# Intel Speedstep problems with Battery on X61

## ForsakenSeraph

Hi all, I just got a X61 and I decided to install Gentoo on it, and I am rather new to Gentoo, so any help would be appreciate.  

My problem is that I noticed that when using only AC power and no battery, the max frequency my CPU can go is 1.2 GHz, even though I have all the correct options configured in kernel.  Using cpuspeedy, I can decrease my frequency to 800 mhz, and when I view available frequencies, 2.4 GHz is there, but I am unable to set it. I tried to disable Intel Speedstep in Bios, but that didn't fix the problem.  

I've searched the forums for my problem, and all I could find is someone with the same problem on a X60s, and they were able to fix it by inserting the battery when connected to AC power.  I also tried this technique, and it seems to allow me to run at 2.4 GHz with the battery plugged in.  
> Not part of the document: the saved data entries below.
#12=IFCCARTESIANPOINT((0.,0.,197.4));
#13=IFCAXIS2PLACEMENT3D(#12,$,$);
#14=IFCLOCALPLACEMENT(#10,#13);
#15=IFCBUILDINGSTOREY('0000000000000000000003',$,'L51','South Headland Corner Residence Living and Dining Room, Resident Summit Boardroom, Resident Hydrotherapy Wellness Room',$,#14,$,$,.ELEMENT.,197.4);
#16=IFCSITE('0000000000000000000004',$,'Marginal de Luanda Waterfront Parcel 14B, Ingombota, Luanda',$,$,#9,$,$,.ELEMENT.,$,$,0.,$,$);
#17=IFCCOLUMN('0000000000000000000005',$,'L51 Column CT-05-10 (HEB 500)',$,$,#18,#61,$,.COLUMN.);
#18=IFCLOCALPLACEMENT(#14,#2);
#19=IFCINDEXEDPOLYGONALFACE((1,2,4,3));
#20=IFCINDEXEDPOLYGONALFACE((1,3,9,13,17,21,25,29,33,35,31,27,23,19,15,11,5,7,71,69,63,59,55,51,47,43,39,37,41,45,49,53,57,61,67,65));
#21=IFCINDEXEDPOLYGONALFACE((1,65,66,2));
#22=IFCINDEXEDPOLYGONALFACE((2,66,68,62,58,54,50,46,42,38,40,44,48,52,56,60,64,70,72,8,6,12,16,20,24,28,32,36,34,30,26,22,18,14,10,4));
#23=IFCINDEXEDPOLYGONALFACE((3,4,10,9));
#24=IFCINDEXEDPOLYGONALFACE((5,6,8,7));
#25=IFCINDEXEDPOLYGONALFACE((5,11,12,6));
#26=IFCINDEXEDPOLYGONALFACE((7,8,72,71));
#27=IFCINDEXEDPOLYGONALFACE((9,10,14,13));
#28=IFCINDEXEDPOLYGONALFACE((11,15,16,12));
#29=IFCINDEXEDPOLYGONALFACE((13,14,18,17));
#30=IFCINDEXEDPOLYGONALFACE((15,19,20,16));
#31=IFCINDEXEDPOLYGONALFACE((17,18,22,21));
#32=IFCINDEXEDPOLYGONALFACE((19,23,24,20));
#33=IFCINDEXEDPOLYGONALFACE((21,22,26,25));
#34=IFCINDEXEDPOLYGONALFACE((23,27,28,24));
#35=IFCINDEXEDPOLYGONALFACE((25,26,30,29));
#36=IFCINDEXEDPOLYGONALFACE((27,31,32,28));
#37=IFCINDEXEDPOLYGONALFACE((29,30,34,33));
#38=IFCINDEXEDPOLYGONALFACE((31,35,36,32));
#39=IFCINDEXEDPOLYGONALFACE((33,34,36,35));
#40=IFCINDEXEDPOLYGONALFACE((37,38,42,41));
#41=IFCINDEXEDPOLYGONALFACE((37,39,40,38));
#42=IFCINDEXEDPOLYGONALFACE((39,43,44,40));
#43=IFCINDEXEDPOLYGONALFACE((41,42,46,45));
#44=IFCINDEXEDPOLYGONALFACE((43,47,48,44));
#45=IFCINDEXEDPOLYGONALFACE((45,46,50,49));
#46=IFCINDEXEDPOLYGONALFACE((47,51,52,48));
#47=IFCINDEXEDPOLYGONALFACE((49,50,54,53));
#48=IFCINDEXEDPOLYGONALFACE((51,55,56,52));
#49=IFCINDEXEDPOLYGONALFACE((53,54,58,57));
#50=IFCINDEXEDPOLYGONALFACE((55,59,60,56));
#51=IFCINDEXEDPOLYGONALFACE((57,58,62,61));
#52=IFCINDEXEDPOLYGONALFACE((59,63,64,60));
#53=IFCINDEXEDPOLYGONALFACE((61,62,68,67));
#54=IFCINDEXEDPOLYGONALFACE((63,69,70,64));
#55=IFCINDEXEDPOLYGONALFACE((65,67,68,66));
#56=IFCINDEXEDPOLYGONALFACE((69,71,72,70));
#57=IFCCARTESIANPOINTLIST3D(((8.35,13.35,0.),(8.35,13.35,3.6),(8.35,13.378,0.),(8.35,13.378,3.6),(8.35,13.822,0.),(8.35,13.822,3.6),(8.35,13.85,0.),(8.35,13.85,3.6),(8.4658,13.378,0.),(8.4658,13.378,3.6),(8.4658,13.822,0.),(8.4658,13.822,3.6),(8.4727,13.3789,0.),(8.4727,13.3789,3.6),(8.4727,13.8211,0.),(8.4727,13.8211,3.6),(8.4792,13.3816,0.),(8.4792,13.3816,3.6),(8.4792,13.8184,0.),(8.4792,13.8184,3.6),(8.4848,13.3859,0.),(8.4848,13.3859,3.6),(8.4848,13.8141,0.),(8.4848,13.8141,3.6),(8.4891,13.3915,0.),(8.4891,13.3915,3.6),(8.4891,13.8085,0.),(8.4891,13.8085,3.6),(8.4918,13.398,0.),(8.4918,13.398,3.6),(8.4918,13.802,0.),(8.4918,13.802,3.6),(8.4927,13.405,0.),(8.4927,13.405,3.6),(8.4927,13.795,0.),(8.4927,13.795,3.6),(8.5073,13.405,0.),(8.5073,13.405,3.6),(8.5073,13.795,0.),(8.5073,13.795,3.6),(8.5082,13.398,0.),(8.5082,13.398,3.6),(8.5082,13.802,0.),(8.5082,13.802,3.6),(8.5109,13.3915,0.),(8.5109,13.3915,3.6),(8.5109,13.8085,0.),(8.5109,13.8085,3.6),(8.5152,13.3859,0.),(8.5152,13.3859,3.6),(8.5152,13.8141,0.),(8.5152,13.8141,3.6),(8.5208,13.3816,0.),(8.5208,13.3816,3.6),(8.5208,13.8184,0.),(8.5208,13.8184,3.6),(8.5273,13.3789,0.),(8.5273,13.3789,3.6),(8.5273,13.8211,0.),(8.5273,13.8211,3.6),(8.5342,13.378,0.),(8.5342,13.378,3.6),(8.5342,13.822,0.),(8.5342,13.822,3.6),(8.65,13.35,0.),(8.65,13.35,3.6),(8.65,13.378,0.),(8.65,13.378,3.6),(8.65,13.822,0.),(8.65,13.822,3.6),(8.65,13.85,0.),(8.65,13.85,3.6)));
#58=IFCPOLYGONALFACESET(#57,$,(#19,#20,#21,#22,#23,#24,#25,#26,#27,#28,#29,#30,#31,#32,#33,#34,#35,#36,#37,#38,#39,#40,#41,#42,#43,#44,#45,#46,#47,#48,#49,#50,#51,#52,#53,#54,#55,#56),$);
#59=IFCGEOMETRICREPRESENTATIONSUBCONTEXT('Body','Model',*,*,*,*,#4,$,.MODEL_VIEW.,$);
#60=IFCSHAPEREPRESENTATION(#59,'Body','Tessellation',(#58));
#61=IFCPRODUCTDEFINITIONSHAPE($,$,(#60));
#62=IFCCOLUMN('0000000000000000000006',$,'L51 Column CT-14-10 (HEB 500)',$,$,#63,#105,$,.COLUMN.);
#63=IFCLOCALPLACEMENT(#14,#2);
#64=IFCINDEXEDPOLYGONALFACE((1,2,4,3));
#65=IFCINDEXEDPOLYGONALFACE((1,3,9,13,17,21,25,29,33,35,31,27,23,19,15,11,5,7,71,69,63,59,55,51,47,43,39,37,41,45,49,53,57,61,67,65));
However, I'm wondering if keeping the battery in will cause it to keep recharging, even at 100%, and therefore using up charge cycles.  Also, is there a fix for the problem with running only on AC power?  Is this problem only limited to Lenovos/IBMs or do other laptops have the same problem?  

Thanks beforehand for any help.

----------

## muhsinzubeir

i dont think i fully followed your thread interms of what exactly you are trying to achieve.You set frequency scalling with a governor and it normally decides by itself according to your activities on the pc, in heavy usage it jumps to high frequency and in idle it goes to lowest speed....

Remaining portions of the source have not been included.